2011 ends with almost 6bn mobile phone subscriptions

The number of mobile phone subscriptions has reached 5.9 billion, an impressive figure in a world of 7 billion people.

(Credit: ITU)

Surveying the mobile and online landscape in 2011 for a year-end report (PDF), the International Telecommunications Union found that mobile phone subscriptions have now penetrated 87 per cent of the entire world and 79 per cent of all developing countries.

Among all those mobile phone users, mobile broadband subscriptions number almost 1.2 billion. Such subscriptions have jumped 45 per cent each year for the past four years and now outnumber fixed broadband subscriptions by two to one.

To push forward with mobile broadband, 159 nations across the world have kicked off 3G networks, though 2G coverage is still twice as high as 3G. Overall, people in developed countries typically use both mobile and fixed broadband, while those in less developed economies often have access only to mobile broadband services.

Switching over to fixed broadband, one-third of the 1.8 billion household around the world now have internet access, up from one-fifth just five years ago. In developing nations, 25 per cent of all homes have a PC and 20 per cent have internet access.
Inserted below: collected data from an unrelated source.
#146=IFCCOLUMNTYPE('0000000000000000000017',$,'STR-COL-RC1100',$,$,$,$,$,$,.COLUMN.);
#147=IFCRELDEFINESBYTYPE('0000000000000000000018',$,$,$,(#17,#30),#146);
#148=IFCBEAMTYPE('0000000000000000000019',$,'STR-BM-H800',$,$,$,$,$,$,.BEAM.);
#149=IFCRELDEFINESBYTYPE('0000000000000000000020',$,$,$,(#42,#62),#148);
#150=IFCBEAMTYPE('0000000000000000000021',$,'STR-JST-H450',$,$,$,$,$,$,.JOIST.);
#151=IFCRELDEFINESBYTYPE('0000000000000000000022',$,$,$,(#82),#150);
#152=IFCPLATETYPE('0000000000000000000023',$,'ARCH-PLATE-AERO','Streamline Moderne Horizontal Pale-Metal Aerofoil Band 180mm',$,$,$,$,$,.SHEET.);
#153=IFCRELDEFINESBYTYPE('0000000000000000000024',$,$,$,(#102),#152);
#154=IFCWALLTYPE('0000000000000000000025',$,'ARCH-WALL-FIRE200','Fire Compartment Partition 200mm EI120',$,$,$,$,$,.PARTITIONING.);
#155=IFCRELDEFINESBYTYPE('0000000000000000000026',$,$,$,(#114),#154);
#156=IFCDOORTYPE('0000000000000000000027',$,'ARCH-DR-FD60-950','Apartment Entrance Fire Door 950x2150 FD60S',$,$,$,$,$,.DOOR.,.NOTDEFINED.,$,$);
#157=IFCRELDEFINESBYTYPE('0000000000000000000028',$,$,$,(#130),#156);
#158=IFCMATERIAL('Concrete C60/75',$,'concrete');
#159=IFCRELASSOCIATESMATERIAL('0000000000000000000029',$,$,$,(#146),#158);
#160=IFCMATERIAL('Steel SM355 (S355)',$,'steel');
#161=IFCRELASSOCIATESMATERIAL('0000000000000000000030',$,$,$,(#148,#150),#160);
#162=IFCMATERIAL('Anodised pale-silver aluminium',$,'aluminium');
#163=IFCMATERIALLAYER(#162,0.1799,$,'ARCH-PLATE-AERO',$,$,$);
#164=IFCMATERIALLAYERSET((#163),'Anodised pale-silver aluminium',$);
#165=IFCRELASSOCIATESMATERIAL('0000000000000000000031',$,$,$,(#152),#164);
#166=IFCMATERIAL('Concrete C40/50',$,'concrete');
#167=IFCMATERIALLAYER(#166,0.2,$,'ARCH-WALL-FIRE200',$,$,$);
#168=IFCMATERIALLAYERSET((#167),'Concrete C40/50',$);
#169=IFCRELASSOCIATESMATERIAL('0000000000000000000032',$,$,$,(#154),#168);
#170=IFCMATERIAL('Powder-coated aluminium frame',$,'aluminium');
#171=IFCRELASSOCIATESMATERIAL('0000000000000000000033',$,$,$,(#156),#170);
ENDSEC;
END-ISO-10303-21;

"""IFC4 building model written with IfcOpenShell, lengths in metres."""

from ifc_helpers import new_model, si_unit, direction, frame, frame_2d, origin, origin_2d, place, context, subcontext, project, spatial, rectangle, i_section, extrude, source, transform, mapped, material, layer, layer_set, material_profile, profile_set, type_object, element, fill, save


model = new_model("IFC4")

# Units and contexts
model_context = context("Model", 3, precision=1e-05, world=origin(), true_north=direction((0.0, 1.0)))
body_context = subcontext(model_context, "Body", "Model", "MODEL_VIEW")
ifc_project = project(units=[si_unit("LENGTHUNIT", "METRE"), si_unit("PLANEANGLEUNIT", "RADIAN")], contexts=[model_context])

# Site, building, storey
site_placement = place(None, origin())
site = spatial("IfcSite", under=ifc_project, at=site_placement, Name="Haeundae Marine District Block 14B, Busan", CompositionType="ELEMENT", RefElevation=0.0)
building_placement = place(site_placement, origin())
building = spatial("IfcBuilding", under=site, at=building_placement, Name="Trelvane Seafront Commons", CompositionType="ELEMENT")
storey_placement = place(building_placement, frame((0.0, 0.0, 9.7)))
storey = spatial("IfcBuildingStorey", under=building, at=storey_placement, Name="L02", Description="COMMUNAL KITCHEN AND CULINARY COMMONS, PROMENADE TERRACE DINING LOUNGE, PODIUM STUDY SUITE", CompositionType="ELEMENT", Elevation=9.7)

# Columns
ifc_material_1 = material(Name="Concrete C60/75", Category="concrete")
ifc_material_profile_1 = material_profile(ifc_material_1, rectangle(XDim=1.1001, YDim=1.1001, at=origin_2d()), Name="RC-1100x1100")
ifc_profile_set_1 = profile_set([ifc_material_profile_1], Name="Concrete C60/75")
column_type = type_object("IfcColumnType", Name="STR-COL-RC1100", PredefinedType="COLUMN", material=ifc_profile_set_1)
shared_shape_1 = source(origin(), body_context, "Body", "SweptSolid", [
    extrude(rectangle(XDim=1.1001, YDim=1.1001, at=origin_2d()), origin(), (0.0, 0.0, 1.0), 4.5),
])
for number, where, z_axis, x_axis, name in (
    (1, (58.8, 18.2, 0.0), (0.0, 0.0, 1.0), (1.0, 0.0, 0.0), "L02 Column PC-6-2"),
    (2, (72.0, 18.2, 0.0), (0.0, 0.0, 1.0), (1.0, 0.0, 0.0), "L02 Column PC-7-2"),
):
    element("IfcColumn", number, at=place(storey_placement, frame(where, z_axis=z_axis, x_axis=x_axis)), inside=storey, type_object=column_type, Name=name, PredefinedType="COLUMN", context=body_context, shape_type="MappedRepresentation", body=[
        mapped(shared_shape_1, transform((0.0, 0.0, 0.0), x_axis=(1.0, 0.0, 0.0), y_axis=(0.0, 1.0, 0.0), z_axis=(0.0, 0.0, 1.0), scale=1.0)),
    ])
Among all the major nations, Korea still offers the fastest broadband access with almost the whole country enjoying speeds of more than 10 megabits per second. Further down the list, the US is more of a mixed bag with a little more than one third of the population seeing speeds higher than 10Mbps and the rest stuck between 2 to 10Mbps and 256Kbps to 2Mbps.

Overall, a full one-third of the 7 billion people on the planet use the internet, and 45 per cent of them are under the age of 25. Internet use has been growing in developing countries, accounting for 62 per cent of the world's total last year, compared with just 44 per cent in 2006. China alone represents almost 25 per cent of the world's total.

Still, developing nations have a ways to go. Across the different age groups in the developing world, 30 per cent of people under 25 use the internet, compared with 23 per cent of those 25 and older. But that 70 per cent of the under-25 crowd not online adds up to 1.9 billion people, an open door for schools to provide access and potentially boost enrolment, says the ITU.